Все это произошло так быстро, что никто не успел вмешаться, хотя крик человека со шрамом всполошил весь ресторан. Сразу же поднялась суматоха, все вскочили с мест, но никто не знал, что, собственно, произошло. Когда я протиснулся к столу, упавший лежал на спине с закрытыми глазами, его изнуренное, восковое лицо совсем побелело, шрам, наоборот, порозовел и, казалось, начинает кровоточить.
— Что с ним? Что с ним? — кричал тот, второй, с совершенно лысым черепом. — Симон! Симон! Боже мой, боже мой, что с ним?
— Воды, — сказал майор и, не дожидаясь, пока ее принесут, схватил сифон, стоявший на столе, выпустил струю в валявшуюся тут же салфетку и склонился над лежащим. Вот какой он был, наш майор! Он и здесь оказался быстрее всех.
— Боже мой, боже мой, он умер? — продолжал причитать товарищ пострадавшего, но в это время мы увидели, что тот приоткрыл глаза. Майор смочил ему мокрой салфеткой серо-пепельные, растрескавшиеся губы, потом повернулся ко мне:
— Спросите его, что он хочет?
Я наклонился, но он заговорил сам.
— Тот, — сказал он. — Тот… он…
— Понимаю, — сказал я, уверенный, что он говорит о моем румыне. — Говорите: вы его знаете? Кто он? Кто этот человек?
— Нет, — сказал человек со шрамом, глядя мне прямо в глаза. — Нет… не человек… нет…
— Что это значит? — спросил я. — Вы его не знаете? Вы не знаете этого человека?
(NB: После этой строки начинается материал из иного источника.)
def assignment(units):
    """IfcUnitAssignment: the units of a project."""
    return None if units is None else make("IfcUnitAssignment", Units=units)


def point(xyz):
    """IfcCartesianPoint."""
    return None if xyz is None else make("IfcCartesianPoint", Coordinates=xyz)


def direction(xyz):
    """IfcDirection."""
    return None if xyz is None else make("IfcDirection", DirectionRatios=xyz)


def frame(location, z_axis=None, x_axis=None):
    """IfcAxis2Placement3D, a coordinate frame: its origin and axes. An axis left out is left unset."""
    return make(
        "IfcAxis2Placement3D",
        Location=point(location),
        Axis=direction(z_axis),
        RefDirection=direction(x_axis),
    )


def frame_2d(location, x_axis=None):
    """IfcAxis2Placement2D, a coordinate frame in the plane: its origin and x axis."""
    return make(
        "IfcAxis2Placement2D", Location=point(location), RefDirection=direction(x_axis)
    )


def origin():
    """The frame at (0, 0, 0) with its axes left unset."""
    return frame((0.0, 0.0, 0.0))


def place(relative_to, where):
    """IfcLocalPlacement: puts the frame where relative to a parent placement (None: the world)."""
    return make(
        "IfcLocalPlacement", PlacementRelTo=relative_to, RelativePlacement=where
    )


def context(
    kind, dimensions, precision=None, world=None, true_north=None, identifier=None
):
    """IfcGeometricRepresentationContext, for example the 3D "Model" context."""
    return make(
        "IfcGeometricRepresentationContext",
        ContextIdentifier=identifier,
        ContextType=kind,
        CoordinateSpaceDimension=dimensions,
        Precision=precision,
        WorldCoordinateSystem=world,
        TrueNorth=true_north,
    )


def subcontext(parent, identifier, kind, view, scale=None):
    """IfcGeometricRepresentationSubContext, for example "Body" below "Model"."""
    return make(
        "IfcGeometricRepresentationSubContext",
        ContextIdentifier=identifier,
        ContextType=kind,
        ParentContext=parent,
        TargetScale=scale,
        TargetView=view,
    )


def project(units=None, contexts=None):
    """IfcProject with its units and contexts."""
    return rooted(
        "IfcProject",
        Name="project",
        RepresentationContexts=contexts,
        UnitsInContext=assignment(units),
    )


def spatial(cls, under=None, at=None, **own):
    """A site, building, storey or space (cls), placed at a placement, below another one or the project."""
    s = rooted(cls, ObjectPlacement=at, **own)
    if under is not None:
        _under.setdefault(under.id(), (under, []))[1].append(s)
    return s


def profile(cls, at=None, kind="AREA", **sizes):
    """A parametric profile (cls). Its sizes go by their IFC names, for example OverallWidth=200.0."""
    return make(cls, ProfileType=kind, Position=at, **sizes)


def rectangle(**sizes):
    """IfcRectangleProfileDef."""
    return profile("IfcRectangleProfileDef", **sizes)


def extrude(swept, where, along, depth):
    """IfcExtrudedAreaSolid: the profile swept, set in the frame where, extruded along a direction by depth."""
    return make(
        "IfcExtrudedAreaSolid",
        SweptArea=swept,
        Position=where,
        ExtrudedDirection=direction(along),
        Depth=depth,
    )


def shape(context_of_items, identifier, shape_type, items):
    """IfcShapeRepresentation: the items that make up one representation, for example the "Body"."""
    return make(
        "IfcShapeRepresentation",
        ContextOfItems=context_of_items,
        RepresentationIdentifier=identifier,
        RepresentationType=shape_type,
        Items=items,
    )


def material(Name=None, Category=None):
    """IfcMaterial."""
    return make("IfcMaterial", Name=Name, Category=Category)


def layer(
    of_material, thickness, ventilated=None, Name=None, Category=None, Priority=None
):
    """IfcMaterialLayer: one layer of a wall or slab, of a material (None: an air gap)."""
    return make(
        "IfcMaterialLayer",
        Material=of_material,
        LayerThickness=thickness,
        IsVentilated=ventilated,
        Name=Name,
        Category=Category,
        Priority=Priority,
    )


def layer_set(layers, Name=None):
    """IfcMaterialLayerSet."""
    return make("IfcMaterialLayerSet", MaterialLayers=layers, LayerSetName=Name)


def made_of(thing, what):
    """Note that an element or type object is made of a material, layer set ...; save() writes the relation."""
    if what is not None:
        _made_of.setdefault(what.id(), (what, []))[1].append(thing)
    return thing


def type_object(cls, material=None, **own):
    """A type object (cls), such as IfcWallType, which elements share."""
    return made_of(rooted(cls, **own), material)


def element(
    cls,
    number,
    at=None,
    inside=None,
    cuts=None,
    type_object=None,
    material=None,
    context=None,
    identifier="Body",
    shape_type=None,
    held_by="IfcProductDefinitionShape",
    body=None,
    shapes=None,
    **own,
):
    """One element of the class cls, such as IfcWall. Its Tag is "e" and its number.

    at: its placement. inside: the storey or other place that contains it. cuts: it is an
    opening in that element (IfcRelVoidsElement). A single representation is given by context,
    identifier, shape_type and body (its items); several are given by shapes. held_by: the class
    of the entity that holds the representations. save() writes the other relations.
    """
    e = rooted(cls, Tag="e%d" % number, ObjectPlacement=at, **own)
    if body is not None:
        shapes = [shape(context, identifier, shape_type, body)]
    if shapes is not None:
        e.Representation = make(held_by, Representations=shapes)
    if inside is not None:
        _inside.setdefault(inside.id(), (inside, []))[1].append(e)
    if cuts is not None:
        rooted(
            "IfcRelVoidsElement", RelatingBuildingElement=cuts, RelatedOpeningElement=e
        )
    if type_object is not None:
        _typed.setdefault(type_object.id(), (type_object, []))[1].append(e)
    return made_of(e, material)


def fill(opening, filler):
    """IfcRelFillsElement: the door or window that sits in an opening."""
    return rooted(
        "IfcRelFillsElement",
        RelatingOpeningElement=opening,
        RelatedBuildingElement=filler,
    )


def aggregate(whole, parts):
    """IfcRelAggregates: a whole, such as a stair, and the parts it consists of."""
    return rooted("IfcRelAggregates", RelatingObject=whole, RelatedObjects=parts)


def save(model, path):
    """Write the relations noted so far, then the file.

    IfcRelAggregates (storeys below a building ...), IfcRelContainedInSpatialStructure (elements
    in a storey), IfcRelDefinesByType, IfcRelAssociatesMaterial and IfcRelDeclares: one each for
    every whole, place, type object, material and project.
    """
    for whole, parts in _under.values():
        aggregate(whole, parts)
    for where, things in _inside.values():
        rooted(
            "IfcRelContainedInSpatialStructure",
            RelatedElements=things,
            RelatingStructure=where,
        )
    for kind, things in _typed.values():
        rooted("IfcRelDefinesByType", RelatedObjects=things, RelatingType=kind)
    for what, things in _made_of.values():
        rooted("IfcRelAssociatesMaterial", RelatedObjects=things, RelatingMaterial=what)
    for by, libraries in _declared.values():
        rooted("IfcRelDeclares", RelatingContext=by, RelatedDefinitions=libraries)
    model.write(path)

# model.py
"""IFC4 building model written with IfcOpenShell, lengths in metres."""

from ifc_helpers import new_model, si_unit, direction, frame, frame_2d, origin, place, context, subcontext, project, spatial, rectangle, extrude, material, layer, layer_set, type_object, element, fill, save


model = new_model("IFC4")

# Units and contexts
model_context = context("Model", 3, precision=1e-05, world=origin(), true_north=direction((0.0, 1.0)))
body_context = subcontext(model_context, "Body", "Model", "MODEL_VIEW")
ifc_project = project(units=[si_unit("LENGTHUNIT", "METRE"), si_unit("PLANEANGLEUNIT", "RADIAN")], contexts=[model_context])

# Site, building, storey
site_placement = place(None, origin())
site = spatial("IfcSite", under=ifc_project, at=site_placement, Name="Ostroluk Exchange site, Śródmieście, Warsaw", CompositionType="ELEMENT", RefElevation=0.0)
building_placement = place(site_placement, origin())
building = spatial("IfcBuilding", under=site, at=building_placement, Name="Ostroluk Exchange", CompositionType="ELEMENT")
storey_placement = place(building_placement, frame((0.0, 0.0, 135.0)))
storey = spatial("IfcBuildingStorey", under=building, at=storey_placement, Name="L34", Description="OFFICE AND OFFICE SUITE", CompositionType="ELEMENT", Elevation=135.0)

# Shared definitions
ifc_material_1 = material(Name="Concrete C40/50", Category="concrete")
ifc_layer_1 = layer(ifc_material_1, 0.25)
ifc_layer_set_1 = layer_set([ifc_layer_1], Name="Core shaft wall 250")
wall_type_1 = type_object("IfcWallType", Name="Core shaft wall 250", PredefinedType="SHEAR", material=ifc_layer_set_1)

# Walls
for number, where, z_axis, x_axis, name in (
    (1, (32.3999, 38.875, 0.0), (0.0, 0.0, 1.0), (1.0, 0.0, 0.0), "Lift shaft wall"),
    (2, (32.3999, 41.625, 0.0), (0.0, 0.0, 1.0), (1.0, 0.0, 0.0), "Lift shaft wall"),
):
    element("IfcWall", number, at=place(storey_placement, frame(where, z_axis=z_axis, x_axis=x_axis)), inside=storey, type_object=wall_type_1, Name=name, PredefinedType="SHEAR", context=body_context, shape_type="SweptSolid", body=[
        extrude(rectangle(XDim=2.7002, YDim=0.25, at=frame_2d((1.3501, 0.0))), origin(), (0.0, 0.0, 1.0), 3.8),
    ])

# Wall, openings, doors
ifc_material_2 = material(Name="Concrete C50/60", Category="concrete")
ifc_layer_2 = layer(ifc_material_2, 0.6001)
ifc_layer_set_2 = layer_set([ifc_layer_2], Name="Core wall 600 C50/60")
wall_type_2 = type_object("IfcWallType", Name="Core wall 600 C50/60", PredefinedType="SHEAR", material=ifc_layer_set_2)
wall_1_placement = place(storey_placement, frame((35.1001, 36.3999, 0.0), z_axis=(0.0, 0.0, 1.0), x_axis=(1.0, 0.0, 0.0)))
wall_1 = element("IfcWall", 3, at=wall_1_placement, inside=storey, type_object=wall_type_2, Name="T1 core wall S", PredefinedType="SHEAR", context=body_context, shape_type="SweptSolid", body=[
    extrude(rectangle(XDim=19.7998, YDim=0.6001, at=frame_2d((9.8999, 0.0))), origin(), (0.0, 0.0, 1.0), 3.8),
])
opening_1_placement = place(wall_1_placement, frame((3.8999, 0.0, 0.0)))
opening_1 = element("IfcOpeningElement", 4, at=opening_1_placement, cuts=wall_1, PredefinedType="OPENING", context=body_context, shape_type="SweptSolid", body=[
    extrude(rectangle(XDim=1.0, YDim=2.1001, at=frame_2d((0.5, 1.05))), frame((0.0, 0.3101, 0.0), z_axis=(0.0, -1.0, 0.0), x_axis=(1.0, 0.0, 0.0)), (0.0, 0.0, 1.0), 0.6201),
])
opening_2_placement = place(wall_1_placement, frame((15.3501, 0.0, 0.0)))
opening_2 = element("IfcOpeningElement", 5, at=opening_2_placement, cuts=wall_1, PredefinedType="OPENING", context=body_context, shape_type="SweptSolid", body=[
— Нет, — повторил он снова медленно и глухо, еле шевеля пересохшими губами. — Кто убивает… не… нет… — Он сделал паузу, словно собираясь с мыслями. — Револьвер… веревка… нож… человек, который…
— Говорите, говорите, — сказал я. — Я вас слушаю. Вы его узнали? Вы видели его в лагере? Кто этот человек?
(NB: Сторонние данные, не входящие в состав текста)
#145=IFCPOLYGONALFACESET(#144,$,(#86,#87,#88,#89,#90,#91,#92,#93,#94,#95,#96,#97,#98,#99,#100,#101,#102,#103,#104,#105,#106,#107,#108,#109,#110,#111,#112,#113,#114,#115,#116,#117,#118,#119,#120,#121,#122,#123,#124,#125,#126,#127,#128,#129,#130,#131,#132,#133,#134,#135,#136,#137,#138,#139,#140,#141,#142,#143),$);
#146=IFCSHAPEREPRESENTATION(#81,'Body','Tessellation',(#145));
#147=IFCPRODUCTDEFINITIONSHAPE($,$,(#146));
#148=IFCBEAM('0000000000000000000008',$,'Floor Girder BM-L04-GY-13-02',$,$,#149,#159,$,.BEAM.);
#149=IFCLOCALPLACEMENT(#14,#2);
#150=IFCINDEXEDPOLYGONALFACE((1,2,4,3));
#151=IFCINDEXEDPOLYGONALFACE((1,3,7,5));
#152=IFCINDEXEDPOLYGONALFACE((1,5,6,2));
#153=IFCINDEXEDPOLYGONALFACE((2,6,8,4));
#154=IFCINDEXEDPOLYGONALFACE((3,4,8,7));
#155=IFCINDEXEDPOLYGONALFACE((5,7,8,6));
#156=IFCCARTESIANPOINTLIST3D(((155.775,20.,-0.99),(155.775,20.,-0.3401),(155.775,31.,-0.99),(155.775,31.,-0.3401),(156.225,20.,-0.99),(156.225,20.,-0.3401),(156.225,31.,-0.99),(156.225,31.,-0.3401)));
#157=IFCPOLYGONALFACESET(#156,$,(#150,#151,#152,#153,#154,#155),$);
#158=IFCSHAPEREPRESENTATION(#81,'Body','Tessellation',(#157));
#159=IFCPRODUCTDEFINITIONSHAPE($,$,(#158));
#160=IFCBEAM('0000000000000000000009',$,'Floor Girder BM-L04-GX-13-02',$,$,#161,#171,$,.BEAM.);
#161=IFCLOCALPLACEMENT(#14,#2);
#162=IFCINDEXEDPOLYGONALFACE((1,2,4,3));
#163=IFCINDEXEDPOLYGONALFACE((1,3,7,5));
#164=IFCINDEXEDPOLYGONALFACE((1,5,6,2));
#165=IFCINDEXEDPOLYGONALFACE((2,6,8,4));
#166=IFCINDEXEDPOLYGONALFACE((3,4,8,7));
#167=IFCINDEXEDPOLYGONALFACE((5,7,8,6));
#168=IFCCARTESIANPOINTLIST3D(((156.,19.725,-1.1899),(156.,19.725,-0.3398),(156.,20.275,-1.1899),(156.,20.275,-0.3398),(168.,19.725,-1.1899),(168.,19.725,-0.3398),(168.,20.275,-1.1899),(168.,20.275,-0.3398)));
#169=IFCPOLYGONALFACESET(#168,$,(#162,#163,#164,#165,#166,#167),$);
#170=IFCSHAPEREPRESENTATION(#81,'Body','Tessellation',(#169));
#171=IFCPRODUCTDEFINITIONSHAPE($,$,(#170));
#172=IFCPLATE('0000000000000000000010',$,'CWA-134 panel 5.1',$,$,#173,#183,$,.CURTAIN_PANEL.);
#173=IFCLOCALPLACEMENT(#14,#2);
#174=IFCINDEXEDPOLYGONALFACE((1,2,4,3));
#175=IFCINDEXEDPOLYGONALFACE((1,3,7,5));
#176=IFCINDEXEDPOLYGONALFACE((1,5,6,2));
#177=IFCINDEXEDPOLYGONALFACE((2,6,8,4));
— Нет, — сказал он. И снова посмотрел мне в глаза, словно собираясь передать мне мысленно то, что он не сумел объяснить словами. — Кто убивает… не человек… — Он осекся, и я увидел, что он весь дрожит.
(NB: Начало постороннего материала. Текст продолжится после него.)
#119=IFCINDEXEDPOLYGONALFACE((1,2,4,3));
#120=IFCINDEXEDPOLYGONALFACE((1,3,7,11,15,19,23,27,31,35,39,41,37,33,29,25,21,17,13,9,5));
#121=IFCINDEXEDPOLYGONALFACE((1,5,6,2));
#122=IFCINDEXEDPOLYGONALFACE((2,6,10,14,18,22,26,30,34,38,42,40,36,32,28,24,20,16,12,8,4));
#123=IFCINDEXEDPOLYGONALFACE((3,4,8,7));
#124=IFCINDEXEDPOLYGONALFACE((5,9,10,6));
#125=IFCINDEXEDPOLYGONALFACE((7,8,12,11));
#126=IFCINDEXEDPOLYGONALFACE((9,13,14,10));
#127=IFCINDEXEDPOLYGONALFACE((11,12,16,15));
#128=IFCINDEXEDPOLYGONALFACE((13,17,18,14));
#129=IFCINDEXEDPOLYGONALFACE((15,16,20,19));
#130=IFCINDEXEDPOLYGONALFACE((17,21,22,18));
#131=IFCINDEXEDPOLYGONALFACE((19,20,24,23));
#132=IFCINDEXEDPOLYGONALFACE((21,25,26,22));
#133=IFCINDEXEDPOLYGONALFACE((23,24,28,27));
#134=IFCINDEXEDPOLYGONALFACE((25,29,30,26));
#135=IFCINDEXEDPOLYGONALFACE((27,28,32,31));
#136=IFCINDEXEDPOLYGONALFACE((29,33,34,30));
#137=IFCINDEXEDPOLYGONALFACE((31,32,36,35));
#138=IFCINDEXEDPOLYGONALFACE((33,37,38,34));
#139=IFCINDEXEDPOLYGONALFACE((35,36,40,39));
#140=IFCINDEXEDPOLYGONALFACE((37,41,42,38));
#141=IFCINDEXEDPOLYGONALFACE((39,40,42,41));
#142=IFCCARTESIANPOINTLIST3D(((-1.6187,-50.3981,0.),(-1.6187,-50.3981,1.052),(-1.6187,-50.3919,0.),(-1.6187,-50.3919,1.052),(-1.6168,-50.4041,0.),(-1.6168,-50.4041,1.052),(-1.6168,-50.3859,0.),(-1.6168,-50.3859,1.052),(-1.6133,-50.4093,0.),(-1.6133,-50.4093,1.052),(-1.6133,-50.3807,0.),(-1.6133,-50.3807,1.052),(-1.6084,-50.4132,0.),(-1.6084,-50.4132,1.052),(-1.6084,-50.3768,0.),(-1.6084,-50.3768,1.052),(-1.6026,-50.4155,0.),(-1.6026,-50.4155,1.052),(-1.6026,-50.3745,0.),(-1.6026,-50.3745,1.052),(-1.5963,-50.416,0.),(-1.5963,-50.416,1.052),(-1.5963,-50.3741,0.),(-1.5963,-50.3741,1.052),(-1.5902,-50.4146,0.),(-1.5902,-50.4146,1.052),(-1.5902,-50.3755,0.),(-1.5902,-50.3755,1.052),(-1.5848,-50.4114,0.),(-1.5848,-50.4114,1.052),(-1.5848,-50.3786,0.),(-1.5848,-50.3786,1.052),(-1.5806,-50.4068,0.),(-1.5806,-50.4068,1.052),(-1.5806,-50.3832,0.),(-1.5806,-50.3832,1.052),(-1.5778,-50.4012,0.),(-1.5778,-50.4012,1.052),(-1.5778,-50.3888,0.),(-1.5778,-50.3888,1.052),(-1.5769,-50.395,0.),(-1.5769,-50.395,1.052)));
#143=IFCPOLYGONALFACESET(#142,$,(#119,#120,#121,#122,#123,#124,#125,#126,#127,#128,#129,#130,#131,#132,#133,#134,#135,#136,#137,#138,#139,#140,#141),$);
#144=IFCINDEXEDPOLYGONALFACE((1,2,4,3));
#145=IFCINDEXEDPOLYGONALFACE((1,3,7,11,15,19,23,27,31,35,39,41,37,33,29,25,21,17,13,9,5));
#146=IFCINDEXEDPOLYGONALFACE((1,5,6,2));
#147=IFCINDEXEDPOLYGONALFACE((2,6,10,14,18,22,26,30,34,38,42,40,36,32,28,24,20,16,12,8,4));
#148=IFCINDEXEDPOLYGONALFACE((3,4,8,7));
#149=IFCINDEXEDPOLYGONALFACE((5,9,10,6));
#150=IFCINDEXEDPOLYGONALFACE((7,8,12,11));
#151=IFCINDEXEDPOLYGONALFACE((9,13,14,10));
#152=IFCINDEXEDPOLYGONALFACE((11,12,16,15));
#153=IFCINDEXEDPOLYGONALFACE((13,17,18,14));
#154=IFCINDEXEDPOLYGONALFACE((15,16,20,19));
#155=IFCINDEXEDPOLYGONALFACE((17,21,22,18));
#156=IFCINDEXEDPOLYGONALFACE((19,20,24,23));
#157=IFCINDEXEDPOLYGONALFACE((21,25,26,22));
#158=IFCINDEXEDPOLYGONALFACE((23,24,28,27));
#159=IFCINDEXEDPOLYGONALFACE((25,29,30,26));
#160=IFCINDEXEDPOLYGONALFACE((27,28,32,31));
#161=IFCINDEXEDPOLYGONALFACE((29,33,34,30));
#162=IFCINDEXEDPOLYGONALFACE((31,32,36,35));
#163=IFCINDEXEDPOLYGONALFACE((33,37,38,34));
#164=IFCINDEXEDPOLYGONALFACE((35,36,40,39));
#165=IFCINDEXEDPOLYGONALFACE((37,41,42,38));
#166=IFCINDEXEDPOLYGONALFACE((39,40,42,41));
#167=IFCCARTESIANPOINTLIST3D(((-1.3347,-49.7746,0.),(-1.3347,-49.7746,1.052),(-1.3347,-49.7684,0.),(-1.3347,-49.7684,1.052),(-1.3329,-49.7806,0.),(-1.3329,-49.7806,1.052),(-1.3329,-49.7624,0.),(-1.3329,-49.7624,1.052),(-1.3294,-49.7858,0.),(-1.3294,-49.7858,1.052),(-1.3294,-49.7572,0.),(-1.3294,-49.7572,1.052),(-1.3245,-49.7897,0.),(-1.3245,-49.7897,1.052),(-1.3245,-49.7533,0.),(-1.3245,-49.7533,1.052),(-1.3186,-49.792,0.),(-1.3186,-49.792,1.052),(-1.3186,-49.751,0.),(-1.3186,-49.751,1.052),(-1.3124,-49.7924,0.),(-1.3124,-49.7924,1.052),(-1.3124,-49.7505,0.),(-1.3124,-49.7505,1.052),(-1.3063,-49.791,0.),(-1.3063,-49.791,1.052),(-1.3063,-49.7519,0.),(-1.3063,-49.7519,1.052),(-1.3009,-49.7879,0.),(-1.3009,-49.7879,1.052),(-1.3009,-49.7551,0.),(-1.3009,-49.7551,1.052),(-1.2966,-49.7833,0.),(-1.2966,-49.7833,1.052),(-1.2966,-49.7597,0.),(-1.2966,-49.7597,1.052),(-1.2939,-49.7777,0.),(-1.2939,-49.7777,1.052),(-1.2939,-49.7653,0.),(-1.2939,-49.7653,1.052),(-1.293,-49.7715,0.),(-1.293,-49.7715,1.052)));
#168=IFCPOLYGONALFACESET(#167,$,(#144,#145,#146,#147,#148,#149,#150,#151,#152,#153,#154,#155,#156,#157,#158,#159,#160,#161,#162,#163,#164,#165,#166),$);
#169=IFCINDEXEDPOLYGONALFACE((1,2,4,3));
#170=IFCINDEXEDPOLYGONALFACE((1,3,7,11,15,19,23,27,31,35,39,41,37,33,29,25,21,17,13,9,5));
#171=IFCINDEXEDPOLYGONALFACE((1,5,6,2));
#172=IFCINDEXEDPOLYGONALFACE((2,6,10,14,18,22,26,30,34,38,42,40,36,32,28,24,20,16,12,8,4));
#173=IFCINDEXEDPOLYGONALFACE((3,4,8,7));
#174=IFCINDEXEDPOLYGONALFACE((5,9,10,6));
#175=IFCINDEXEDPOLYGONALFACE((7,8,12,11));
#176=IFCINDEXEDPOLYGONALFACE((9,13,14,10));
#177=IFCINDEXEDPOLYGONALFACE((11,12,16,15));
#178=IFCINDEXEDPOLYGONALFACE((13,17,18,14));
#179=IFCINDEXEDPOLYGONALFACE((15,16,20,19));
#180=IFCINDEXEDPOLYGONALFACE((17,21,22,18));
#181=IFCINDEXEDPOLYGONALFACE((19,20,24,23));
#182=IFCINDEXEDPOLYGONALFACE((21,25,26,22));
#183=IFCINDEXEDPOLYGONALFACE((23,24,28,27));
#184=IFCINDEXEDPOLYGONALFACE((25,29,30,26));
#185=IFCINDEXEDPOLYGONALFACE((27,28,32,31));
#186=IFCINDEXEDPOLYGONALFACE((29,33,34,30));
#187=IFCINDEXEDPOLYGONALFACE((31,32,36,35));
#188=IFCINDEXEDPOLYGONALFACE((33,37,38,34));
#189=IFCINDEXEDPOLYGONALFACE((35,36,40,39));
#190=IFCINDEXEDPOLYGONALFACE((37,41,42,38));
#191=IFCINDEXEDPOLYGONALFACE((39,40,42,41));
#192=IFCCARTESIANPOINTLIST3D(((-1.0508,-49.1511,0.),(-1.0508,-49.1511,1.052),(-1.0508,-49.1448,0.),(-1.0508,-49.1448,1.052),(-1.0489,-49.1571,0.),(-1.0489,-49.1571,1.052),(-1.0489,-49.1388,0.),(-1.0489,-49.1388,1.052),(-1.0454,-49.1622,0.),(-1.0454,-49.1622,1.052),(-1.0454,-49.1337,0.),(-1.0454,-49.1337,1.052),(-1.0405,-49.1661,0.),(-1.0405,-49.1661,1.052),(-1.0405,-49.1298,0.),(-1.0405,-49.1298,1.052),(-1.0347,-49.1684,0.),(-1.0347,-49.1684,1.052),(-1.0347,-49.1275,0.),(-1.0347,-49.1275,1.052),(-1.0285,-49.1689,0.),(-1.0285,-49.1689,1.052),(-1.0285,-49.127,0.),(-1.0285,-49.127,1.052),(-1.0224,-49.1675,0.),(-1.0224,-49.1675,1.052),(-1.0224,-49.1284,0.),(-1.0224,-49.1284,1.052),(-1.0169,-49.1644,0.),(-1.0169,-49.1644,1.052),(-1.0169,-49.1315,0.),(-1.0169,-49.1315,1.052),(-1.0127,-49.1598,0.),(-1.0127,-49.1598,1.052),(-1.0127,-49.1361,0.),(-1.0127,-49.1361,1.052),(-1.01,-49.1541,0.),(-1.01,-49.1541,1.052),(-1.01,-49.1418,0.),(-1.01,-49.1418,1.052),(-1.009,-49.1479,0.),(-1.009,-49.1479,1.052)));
— У него нервный припадок, — сказал майор. — Ему нужен врач.
Человек со шрамом забился на полу, глаза его закрылись, и я понял, что ничего больше от него не добьюсь.
Пока лейтенант давал распоряжения о вызове врача, я вышел в коридор, потом спустился вниз, заглянул в каморку портье, в комнату уборщицы — всюду было пустынно и тихо, румын, которого я искал, исчез.